Specialist Area of Focus
Pediatrician Children’s health.
Pediatric Nurse or Patient Coordinator Alignment of patient’s treatment plan.
Geneticist or Genetic Counselor Genes and inherited disorders.
Dentist Teeth and mouth.
Orthodontist Alignment of the teeth and jaw.
Oral and Maxillofacial Surgeon Surgeries of face, mouth, and jaw.
Plastic and Reconstructive Surgeon Surgeries to repair physical deformities.
Otolaryngologist Ear, nose, and throat.
Ophthalmologist Eyes and vision.
Orthopedic surgeon Bones and joints.
Neurosurgeon Surgeries of the brain, spinal cord, and nerves.
Nephrologist Kidneys.
Cardiologist Heart.
Psychologist Behavior and mental health.
Social Worker Resources and counseling.
Audiologist Hearing.
Speech and Language Pathologist Speech, language, and swallowing.
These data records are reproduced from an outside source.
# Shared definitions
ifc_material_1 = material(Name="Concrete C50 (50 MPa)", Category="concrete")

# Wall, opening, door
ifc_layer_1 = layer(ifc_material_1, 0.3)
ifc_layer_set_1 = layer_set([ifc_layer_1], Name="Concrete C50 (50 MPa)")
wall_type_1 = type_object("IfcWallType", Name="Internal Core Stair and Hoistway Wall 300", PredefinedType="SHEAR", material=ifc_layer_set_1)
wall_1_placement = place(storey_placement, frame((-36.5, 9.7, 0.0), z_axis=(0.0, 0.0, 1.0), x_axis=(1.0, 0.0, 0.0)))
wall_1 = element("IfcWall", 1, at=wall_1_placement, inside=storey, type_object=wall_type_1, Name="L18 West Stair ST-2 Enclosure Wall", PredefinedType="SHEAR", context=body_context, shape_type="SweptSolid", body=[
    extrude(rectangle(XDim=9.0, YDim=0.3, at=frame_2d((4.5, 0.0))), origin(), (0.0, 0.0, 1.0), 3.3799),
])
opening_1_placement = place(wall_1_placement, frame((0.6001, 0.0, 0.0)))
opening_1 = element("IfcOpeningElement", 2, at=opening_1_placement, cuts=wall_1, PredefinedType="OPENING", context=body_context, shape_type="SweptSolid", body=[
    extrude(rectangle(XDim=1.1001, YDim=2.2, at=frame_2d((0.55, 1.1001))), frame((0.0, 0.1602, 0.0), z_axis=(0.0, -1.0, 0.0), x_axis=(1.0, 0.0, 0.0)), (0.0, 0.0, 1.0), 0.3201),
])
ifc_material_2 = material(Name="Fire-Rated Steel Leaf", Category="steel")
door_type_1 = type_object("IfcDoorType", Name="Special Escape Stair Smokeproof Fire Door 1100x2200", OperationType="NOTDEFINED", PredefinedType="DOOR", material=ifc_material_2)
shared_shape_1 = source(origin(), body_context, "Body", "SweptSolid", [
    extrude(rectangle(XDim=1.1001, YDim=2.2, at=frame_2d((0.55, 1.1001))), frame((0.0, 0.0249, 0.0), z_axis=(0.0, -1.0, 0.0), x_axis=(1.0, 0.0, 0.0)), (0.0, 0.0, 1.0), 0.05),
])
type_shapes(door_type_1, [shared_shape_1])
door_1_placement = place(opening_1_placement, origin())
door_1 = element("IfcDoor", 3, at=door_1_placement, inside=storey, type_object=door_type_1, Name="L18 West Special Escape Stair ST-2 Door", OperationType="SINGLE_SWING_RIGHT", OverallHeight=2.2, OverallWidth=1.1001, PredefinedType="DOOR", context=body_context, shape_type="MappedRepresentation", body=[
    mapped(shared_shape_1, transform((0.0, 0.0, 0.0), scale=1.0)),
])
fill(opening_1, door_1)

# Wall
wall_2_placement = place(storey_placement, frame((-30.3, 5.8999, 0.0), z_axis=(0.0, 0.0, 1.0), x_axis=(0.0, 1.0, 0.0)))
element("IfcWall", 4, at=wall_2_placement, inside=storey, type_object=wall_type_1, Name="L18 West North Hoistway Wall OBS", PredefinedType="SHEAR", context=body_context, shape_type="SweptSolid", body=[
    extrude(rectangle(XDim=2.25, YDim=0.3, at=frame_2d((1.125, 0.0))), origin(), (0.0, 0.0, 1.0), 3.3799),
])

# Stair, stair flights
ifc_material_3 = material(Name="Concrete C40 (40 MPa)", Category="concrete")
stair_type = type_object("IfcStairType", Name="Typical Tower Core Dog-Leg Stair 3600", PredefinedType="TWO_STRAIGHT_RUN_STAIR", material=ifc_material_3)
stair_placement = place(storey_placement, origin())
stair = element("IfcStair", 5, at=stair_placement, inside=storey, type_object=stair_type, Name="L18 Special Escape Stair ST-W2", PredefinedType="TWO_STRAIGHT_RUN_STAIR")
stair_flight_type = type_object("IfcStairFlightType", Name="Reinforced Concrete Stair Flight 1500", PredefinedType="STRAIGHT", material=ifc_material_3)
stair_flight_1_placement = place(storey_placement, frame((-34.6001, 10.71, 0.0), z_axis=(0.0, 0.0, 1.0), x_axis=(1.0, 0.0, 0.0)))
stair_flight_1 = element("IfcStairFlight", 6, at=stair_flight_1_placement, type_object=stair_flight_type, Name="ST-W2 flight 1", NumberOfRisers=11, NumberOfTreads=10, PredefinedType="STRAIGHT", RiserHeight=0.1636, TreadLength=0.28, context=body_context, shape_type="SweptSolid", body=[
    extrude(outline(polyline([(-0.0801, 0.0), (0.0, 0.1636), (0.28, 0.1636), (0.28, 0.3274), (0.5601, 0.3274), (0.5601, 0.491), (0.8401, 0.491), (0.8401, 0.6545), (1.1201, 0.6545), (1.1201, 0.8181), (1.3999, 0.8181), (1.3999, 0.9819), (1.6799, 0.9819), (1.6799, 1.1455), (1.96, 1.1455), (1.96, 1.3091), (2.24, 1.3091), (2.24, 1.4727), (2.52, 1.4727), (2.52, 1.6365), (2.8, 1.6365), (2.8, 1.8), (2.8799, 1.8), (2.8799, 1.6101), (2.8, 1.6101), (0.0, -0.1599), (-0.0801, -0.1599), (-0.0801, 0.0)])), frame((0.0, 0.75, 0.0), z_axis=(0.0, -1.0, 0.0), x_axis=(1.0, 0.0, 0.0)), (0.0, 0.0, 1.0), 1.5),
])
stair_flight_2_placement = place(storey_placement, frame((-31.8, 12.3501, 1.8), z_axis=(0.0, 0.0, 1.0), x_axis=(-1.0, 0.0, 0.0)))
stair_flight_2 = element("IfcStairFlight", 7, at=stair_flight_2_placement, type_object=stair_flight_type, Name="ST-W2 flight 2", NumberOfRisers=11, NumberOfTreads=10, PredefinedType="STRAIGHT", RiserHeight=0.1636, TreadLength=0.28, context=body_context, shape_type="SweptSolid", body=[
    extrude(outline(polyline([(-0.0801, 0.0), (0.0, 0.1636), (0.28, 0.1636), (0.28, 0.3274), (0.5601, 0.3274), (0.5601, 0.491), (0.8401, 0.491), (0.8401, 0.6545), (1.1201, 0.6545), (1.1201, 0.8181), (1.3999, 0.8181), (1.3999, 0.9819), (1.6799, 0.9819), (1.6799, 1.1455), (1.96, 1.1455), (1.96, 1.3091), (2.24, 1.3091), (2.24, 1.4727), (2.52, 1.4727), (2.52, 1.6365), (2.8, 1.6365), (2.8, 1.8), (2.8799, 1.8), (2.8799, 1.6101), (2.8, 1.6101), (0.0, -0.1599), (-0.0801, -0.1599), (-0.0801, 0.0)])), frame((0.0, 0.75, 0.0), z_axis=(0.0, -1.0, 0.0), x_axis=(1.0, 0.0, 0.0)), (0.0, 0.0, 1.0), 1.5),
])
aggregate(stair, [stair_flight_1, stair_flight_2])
Treatment depends on your child’s symptoms and overall general health. When your child is an infant, treatment focuses on making sure your baby is breathing and feeding well. When your child is older, the goal is to improve the evenness of the face, jaw movement, and bite. You will work with your child’s doctors to develop a specific treatment plan, which may include surgeries to repair, rebuild, and expand the upper and lower jaws, improve the evenness of the face, or reconstruct or repair the ear.

In addition to surgeries, your child may need other treatments, such as a feeding tube to provide nutrition, speech therapy, dental care and orthodontia, or hearing and vision aids.

Treatment may occur over many years to adjust the shape of your child’s face and to help him/her breathe, eat, speak, and hear. Overall, the goal remains the same: to help your child develop and thrive.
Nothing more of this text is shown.